Company claims 90% efficacy at preventing disease, but experts call for data rather than press releases
Interim analysis of phase 3 clinical trial results from Pfizer and BioNTech’s mRNA-based Covid-19 vaccine suggests it is around 90% effective at preventing the disease. While the results have garnered effusive headlines worldwide, experts warn that they need to see more data to better evaluate the vaccine candidate.
‘This is very encouraging news, but tempered by the fact that it’s a press release,’ says Gregory Poland, vaccine scientist at the Mayo Clinic in Rochester, US. ‘They’re reporting a very narrow sliver of data,’ he says, and it leaves a lot of questions unanswered.
The trial has picked up 94 cases of mild to moderate Covid-19 among the more than 40,000 trial volunteers, ocurring more than seven days after the second dose of either vaccine or placebo (by which time the vaccine’s protection should be fully developed). The number of cases in the vaccinated group was about one-tenth the number in the control group, meaning that the vaccine reduced the incidence of the disease by about 90%.
‘Everyone was expecting around 50– 60% efficacy, so 90% is good,’ says Poland. But he adds that the context is lacking, as the full data have not yet been released. Byram Bridle at the University of Guelph, Canada, agrees: ‘We have no idea what the cases look like or what their demographics are,’ he says. If all Covid-19 cases in the vaccinated group were in elderly individuals, for example, this would suggest that the vaccine doesn’t work well in those who need it most. ‘We know nothing about its usefulness or safety in children, in pregnant women, in immunocompromised people, those taking certain medications, the oldest elderly or certain ethnic minorities’ says Poland.
Importantly, whether the vaccine protects against asymptomatic transmission is also unknown, notes Poland: ‘This is important because roughly half the cases are being transmitted by people who are asymptomatic.’ Vaccinated individuals may feel protected and relax protective measures such as mask wearing and social distancing. However, if infected they could still be capable of transmitting the virus, including to vulnerable individuals. ‘Some might be super spreaders, because unknown to them they might harbour the virus, not be sick, but infect other people,’ says Bridle.
Everyone was expecting around 50– 60% efficacy, so 90% is good
How long immunity will last will only become clear after rollout. Also, Poland notes that vaccine trials are being conducted in conditions of social distancing and mask wearing, ‘but what is the efficacy of the vaccine without these measures?
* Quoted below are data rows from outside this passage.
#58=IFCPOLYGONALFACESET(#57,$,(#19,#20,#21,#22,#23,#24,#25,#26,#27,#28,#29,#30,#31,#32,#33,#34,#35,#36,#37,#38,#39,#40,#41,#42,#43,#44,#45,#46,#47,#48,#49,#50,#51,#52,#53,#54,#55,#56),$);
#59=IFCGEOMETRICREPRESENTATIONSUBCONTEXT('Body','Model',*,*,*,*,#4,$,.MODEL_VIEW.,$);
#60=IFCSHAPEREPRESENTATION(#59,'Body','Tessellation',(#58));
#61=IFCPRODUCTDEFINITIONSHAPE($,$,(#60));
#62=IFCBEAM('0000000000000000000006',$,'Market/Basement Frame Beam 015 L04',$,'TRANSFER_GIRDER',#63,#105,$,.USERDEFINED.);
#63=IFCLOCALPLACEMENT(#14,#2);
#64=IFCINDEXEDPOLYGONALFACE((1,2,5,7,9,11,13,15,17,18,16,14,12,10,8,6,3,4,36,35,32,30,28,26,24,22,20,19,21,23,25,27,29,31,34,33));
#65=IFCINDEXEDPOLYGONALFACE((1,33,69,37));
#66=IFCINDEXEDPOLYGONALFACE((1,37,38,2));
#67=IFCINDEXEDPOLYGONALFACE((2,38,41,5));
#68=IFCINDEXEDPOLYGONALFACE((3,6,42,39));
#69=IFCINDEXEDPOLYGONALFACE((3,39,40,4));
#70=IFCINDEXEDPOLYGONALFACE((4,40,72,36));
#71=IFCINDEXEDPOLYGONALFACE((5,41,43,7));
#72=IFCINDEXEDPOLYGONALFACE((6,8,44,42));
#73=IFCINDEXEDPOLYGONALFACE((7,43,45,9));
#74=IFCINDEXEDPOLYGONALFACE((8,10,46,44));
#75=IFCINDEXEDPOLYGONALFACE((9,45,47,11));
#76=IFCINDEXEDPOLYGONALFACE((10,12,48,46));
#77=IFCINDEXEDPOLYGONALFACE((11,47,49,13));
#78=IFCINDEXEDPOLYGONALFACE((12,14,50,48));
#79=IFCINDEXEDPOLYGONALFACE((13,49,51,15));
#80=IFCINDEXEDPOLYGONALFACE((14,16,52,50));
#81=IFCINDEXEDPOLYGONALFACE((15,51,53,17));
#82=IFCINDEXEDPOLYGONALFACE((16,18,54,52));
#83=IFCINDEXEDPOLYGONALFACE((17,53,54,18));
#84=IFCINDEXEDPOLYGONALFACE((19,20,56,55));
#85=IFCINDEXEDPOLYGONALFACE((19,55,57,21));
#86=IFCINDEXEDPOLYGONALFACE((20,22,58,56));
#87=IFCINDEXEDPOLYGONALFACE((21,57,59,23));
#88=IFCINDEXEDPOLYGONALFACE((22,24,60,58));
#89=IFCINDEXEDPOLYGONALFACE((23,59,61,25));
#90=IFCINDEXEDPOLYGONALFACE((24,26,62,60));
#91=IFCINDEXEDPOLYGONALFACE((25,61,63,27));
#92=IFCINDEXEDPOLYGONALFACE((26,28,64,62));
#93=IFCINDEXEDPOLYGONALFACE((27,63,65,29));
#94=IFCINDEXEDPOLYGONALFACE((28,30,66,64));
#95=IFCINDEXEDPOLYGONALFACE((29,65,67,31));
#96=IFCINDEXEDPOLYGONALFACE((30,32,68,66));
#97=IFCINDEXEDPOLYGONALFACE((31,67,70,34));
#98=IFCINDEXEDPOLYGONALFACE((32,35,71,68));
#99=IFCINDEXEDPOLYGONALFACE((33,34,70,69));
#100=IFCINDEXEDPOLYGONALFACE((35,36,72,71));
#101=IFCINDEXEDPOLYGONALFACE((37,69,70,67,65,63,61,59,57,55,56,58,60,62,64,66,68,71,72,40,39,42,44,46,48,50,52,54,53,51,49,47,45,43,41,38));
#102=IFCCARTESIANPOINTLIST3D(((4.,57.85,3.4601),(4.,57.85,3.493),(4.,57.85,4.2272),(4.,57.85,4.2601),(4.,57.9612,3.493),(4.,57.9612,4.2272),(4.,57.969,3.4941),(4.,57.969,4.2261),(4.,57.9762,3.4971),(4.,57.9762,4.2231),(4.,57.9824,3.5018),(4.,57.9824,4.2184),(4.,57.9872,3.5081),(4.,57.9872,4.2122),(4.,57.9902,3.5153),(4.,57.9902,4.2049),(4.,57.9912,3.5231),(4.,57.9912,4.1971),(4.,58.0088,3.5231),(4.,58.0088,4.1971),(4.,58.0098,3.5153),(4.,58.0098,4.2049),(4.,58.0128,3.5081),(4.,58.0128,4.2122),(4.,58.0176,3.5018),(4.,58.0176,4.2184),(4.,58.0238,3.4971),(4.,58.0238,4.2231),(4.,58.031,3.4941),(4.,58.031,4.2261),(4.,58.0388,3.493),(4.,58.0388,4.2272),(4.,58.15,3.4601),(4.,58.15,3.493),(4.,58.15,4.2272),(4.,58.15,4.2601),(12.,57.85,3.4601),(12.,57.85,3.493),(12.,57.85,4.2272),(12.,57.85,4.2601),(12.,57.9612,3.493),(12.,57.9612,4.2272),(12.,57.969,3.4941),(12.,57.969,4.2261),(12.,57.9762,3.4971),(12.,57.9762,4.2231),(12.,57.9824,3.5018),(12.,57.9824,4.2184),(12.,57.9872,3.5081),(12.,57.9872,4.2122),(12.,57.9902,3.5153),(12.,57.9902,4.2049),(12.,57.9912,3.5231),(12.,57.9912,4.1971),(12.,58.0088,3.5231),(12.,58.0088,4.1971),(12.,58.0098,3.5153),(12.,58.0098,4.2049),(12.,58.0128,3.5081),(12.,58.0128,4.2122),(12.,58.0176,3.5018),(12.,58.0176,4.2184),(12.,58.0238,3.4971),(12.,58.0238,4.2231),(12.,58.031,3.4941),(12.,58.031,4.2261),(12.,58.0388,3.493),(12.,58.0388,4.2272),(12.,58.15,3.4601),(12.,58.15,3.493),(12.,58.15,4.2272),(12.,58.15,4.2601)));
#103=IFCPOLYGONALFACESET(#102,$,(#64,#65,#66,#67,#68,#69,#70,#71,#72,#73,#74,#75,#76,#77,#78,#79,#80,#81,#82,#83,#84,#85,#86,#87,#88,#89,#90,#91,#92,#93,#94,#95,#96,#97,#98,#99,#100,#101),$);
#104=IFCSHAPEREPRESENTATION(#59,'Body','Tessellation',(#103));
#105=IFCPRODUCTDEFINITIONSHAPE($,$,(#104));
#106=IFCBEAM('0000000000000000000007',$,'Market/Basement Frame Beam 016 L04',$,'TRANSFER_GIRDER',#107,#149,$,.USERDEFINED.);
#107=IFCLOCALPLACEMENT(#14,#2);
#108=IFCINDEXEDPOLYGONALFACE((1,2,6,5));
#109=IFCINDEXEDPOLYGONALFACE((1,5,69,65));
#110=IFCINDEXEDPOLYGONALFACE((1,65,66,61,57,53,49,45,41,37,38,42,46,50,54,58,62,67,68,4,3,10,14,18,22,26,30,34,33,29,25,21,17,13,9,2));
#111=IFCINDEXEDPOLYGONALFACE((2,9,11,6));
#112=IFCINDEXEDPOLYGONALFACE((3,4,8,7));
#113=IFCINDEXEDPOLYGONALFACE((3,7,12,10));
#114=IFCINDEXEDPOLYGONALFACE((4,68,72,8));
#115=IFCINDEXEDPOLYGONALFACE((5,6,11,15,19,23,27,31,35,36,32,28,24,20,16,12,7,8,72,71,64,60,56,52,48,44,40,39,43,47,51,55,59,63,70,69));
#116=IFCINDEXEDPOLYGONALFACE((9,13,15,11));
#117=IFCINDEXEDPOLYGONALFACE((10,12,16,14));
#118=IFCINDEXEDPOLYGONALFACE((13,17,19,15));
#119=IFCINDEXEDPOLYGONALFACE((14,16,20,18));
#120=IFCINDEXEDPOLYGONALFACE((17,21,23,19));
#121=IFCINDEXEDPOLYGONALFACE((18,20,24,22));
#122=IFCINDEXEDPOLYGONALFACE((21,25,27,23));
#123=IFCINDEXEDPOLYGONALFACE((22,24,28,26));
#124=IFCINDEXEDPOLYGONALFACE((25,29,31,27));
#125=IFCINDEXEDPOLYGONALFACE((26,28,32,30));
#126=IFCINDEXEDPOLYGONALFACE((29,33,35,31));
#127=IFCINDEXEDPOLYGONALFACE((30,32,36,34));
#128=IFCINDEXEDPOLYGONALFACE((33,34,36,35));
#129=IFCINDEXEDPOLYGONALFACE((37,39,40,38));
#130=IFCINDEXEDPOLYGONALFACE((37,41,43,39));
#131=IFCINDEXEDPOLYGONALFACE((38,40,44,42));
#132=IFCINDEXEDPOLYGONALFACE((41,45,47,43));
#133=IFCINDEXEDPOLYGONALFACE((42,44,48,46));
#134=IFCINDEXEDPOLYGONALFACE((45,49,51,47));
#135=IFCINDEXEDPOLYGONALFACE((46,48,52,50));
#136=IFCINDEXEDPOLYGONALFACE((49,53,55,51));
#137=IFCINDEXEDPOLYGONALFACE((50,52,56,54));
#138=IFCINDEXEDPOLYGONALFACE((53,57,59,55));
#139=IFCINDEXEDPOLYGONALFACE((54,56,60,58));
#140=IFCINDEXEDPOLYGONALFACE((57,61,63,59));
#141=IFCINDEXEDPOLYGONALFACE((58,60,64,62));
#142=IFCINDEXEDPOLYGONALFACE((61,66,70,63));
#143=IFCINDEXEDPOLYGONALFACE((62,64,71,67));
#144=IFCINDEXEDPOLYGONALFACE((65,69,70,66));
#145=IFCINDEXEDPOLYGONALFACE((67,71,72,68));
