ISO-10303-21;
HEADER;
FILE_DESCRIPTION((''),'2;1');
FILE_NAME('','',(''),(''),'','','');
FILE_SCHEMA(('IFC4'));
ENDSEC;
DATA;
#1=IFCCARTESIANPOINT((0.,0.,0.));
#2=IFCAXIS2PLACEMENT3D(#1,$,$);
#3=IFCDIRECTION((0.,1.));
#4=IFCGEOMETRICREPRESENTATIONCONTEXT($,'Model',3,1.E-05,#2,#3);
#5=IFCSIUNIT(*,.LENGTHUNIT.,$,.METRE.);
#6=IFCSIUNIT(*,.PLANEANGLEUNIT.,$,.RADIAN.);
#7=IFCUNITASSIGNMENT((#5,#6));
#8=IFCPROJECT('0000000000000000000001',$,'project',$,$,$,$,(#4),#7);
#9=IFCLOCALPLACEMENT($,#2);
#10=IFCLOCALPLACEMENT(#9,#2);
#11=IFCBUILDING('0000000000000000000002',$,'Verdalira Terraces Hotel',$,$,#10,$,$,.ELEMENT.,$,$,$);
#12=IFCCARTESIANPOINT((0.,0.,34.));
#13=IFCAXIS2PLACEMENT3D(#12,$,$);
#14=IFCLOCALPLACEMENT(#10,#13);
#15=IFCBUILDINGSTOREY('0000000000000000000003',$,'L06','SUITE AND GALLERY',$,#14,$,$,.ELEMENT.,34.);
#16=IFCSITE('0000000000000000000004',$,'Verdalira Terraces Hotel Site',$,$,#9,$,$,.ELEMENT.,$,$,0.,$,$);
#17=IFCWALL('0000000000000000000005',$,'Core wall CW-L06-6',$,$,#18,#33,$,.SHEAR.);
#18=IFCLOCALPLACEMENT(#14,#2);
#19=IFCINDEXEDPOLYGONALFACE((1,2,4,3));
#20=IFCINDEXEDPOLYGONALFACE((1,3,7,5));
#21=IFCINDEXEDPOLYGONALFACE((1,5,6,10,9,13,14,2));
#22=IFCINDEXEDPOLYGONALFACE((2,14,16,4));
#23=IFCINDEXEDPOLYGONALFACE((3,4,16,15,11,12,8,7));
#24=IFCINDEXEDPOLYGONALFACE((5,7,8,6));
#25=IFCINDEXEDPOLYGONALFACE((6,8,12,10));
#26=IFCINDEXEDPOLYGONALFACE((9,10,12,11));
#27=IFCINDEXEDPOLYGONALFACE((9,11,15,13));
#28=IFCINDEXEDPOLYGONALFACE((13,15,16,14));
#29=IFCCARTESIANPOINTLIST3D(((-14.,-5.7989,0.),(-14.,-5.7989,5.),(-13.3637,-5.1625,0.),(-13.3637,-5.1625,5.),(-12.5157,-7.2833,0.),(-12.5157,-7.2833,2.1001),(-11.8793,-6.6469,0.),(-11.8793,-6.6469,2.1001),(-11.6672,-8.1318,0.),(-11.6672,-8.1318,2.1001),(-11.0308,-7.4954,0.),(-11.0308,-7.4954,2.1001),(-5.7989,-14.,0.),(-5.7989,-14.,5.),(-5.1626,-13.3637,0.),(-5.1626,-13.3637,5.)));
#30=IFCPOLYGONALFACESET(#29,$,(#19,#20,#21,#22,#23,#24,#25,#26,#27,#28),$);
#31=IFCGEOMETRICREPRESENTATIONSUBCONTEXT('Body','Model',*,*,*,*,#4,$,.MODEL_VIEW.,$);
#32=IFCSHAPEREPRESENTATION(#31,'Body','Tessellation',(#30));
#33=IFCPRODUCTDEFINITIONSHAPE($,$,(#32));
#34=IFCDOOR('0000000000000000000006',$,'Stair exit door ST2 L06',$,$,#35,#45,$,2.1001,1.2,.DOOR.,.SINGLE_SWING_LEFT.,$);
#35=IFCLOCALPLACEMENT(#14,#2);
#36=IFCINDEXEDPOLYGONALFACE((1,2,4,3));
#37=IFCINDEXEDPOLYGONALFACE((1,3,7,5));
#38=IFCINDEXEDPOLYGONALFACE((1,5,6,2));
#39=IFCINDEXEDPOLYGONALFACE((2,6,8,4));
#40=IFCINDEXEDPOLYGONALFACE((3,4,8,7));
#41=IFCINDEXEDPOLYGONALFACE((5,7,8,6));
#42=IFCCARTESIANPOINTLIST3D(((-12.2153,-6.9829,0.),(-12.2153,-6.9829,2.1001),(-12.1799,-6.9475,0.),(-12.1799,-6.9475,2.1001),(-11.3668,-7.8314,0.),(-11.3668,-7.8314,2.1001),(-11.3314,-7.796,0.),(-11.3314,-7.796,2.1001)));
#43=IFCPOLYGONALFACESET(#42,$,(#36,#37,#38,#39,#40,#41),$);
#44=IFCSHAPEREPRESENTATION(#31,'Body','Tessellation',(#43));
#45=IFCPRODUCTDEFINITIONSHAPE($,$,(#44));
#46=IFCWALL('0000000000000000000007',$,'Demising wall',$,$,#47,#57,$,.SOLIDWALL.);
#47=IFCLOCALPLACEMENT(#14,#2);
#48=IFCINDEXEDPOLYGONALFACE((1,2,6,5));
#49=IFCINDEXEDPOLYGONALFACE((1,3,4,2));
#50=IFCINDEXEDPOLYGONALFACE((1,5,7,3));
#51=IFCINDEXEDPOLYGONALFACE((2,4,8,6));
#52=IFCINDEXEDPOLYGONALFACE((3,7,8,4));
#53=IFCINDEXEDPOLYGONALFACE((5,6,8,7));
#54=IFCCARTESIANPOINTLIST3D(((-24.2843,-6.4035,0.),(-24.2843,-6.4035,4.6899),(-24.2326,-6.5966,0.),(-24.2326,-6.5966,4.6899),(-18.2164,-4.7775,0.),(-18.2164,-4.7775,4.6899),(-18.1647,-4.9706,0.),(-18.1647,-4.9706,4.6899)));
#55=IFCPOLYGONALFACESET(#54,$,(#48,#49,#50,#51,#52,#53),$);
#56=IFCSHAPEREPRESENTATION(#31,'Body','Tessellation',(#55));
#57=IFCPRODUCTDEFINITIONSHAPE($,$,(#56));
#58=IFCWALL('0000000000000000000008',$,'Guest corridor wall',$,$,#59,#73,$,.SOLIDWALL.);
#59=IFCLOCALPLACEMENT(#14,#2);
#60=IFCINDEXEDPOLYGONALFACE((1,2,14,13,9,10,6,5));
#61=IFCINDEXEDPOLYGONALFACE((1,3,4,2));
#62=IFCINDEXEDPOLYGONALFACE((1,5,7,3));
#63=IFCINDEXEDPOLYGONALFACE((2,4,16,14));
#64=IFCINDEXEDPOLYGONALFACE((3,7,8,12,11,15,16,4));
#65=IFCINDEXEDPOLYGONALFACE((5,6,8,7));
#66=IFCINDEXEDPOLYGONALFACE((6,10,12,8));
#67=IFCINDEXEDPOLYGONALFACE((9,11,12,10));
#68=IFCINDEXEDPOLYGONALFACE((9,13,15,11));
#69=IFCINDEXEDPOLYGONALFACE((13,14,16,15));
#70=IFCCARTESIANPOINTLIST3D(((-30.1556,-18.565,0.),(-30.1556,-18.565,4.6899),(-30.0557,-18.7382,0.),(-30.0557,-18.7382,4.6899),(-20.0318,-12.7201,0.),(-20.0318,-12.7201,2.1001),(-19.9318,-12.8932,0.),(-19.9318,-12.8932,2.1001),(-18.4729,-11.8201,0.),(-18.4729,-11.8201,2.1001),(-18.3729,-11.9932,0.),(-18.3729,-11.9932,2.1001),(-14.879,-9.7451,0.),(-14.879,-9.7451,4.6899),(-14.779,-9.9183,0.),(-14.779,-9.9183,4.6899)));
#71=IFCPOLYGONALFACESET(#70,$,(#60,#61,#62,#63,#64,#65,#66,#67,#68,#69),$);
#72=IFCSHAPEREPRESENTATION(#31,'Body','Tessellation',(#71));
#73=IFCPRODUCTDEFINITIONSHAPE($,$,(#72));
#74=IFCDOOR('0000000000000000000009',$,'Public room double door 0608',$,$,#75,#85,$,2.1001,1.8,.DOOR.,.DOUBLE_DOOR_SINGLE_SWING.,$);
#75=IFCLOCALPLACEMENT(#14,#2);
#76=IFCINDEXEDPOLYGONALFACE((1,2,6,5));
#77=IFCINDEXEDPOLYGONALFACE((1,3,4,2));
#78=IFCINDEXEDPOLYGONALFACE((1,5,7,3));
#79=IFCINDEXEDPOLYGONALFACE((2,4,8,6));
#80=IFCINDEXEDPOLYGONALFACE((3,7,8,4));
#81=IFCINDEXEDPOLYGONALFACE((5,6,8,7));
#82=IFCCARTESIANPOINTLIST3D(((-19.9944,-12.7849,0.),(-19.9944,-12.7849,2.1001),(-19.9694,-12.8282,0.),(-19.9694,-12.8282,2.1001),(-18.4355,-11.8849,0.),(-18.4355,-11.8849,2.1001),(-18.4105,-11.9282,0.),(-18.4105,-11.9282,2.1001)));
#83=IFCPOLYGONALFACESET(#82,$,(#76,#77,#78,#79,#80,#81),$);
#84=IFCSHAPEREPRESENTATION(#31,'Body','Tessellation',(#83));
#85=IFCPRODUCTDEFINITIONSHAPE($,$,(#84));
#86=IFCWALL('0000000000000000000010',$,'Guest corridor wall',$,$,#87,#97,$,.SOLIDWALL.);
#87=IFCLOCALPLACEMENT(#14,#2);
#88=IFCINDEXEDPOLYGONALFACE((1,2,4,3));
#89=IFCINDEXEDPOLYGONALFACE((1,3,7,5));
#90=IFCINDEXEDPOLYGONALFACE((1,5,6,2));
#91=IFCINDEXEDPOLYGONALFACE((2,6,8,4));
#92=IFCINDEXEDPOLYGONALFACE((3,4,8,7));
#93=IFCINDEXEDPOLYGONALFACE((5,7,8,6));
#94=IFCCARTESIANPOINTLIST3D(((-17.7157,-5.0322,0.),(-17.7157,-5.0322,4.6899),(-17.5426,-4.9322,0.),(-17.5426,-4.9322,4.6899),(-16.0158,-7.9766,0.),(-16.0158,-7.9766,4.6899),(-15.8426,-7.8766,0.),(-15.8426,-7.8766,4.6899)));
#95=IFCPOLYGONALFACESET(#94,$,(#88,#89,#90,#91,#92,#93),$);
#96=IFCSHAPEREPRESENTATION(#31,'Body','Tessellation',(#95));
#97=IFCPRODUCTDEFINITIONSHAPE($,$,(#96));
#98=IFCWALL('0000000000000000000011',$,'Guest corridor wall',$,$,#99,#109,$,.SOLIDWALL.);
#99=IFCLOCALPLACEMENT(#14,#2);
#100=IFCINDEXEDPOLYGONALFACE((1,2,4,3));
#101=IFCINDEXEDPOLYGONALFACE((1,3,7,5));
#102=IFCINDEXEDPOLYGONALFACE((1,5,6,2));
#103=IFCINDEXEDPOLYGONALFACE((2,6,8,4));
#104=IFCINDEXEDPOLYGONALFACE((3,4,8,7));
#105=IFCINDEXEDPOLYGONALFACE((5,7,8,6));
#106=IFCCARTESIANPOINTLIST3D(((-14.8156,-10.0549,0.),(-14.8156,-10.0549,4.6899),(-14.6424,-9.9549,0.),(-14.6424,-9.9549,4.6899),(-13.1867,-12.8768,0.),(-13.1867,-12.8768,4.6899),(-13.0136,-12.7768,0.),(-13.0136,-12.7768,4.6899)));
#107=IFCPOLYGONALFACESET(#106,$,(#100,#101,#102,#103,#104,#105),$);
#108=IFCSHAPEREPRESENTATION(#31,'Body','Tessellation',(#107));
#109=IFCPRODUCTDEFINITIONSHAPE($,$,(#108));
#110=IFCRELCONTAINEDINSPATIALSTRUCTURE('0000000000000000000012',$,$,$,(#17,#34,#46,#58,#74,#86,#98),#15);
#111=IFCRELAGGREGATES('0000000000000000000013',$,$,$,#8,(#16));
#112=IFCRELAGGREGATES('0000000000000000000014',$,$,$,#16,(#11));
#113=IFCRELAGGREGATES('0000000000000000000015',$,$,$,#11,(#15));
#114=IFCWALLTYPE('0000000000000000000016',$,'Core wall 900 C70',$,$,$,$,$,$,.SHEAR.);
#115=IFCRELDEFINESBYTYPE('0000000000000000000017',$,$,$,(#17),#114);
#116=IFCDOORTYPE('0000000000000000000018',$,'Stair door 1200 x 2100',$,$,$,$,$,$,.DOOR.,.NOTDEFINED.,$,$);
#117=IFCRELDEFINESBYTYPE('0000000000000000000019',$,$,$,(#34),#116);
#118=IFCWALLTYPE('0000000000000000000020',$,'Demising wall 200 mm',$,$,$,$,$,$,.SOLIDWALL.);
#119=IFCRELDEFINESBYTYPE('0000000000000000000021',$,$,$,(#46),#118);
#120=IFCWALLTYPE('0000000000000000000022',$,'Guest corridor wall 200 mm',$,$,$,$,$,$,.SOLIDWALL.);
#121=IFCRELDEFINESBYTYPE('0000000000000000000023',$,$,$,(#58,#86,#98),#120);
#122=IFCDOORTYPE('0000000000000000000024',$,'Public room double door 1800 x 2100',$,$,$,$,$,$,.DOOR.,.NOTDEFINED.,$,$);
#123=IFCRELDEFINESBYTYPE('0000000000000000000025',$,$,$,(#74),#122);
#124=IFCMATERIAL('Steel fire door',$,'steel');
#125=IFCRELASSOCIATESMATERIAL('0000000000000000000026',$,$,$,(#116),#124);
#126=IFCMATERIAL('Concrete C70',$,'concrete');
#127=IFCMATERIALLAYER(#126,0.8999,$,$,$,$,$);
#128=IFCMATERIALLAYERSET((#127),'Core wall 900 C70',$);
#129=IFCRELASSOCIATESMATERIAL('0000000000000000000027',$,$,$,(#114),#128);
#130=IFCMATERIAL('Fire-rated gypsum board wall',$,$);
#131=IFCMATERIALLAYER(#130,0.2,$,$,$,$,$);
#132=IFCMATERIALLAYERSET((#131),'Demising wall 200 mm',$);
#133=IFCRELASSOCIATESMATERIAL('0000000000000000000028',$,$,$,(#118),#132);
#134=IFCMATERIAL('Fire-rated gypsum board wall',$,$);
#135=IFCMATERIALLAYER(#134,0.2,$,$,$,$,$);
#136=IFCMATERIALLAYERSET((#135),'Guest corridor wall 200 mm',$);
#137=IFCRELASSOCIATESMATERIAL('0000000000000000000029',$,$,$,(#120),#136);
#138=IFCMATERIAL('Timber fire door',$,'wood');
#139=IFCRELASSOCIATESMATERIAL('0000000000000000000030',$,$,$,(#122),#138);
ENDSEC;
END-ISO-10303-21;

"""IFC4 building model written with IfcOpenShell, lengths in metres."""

from ifc_helpers import new_model, si_unit, direction, frame, frame_2d, origin, place, context, subcontext, project, spatial, rectangle, extrude, material, layer, layer_set, type_object, element, fill, save


model = new_model("IFC4")

# Units and contexts
model_context = context("Model", 3, precision=1e-05, world=origin(), true_north=direction((0.0, 1.0)))
body_context = subcontext(model_context, "Body", "Model", "MODEL_VIEW")
ifc_project = project(units=[si_unit("LENGTHUNIT", "METRE"), si_unit("PLANEANGLEUNIT", "RADIAN")], contexts=[model_context])

# Site, building, storey
site_placement = place(None, origin())
site = spatial("IfcSite", under=ifc_project, at=site_placement, Name="Verdalira Terraces Hotel Site", CompositionType="ELEMENT", RefElevation=0.0)
building_placement = place(site_placement, origin())
building = spatial("IfcBuilding", under=site, at=building_placement, Name="Verdalira Terraces Hotel", CompositionType="ELEMENT")
storey_placement = place(building_placement, frame((0.0, 0.0, 34.0)))
storey = spatial("IfcBuildingStorey", under=building, at=storey_placement, Name="L06", Description="SUITE AND GALLERY", CompositionType="ELEMENT", Elevation=34.0)

# Shared definitions
ifc_material_1 = material(Name="Steel fire door", Category="steel")
door_type_1 = type_object("IfcDoorType", Name="Stair door 1200 x 2100", OperationType="NOTDEFINED", PredefinedType="DOOR", material=ifc_material_1)

# Wall, opening, door
ifc_material_2 = material(Name="Concrete C70", Category="concrete")
ifc_layer_1 = layer(ifc_material_2, 0.8999)
ifc_layer_set_1 = layer_set([ifc_layer_1], Name="Core wall 900 C70")
wall_type_1 = type_object("IfcWallType", Name="Core wall 900 C70", PredefinedType="SHEAR", material=ifc_layer_set_1)
wall_1_placement = place(storey_placement, frame((-13.6819, -5.4807, 0.0), z_axis=(0.0, 0.0, 1.0), x_axis=(0.707107, -0.707107, 0.0)))
wall_1 = element("IfcWall", 1, at=wall_1_placement, inside=storey, type_object=wall_type_1, Name="Core wall CW-L06-6", PredefinedType="SHEAR", context=body_context, shape_type="SweptSolid", body=[
    extrude(rectangle(XDim=11.5981, YDim=0.8999, at=frame_2d((5.7991, 0.0))), origin(), (0.0, 0.0, 1.0), 5.0),
])
opening_1_placement = place(wall_1_placement, frame((2.0991, 0.0, 0.0)))
opening_1 = element("IfcOpeningElement", 2, at=opening_1_placement, cuts=wall_1, PredefinedType="OPENING", context=body_context, shape_type="SweptSolid", body=[
    extrude(rectangle(XDim=1.2, YDim=2.1001, at=frame_2d((0.6001, 1.05))), frame((0.0, 0.46, 0.0), z_axis=(0.0, -1.0, 0.0), x_axis=(1.0, 0.0, 0.0)), (0.0, 0.0, 1.0), 0.9199),
])
door_1_placement = place(opening_1_placement, origin())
We don’t know.’
None of this takes away from the fact that the results are encouraging. ‘If the trial continues on this path,’ says Bridle, ‘then it would almost certainly meet the requirements to receive regulatory approval, probably in early 2021.’ No mRNA vaccine for a human disease has ever been licensed, though the mRNA candidates were early frontrunners for Covid-19.
In its press release, Pfizer noted that the clinical trial will continue to final analysis when there are 164 confirmed cases of Covid-19 among participants. The company plans to apply to the US Food and Drug Administration (FDA) in the US for an Emergency Use Authorisation (EUA) after the required safety milestone is reached. This is expected in the third week of November.
Poland thinks the FDA might prefer to release the vaccine under an expanded access programme, rather than emergency authorisation. This involves providing it to a restricted group of people (such as the most at-risk and vulnerable populations) and continuing to study them. ‘I like expanded access because it preserves the integrity of other trials,’ says Poland.
Other vaccine trials could be compromised in the presence of an already authorised vaccine. Volunteers may not then want to enrol in a trial where they have a 50:50 chance of receiving a placebo. There are other arguments against EUA for a vaccine, given the lower standard of evidence required and the possibility of undue political influence.
Another issue with the Pfizer–BioNTech vaccine is that it must be stored at –80°C, making its transport and deployment difficult. It’s not impossible – the World Health Organization (WHO) had an Ebola vaccine in 2015 that needed to be kept super chilled – but it’s certainly challenging, as outlined by the WHO’s special envoy for Covid-19, David Nabarro, in a recent radio interview.
The Pfizer press release spurred headlines touting ‘a watershed moment’, ‘a great day for humanity’ and ‘life back to normal by spring’. Poland cautions that there is a danger that people only see the 90% headline and then get angry if the vaccine does not perform as well as that, or it doesn’t materialise in the way they expect.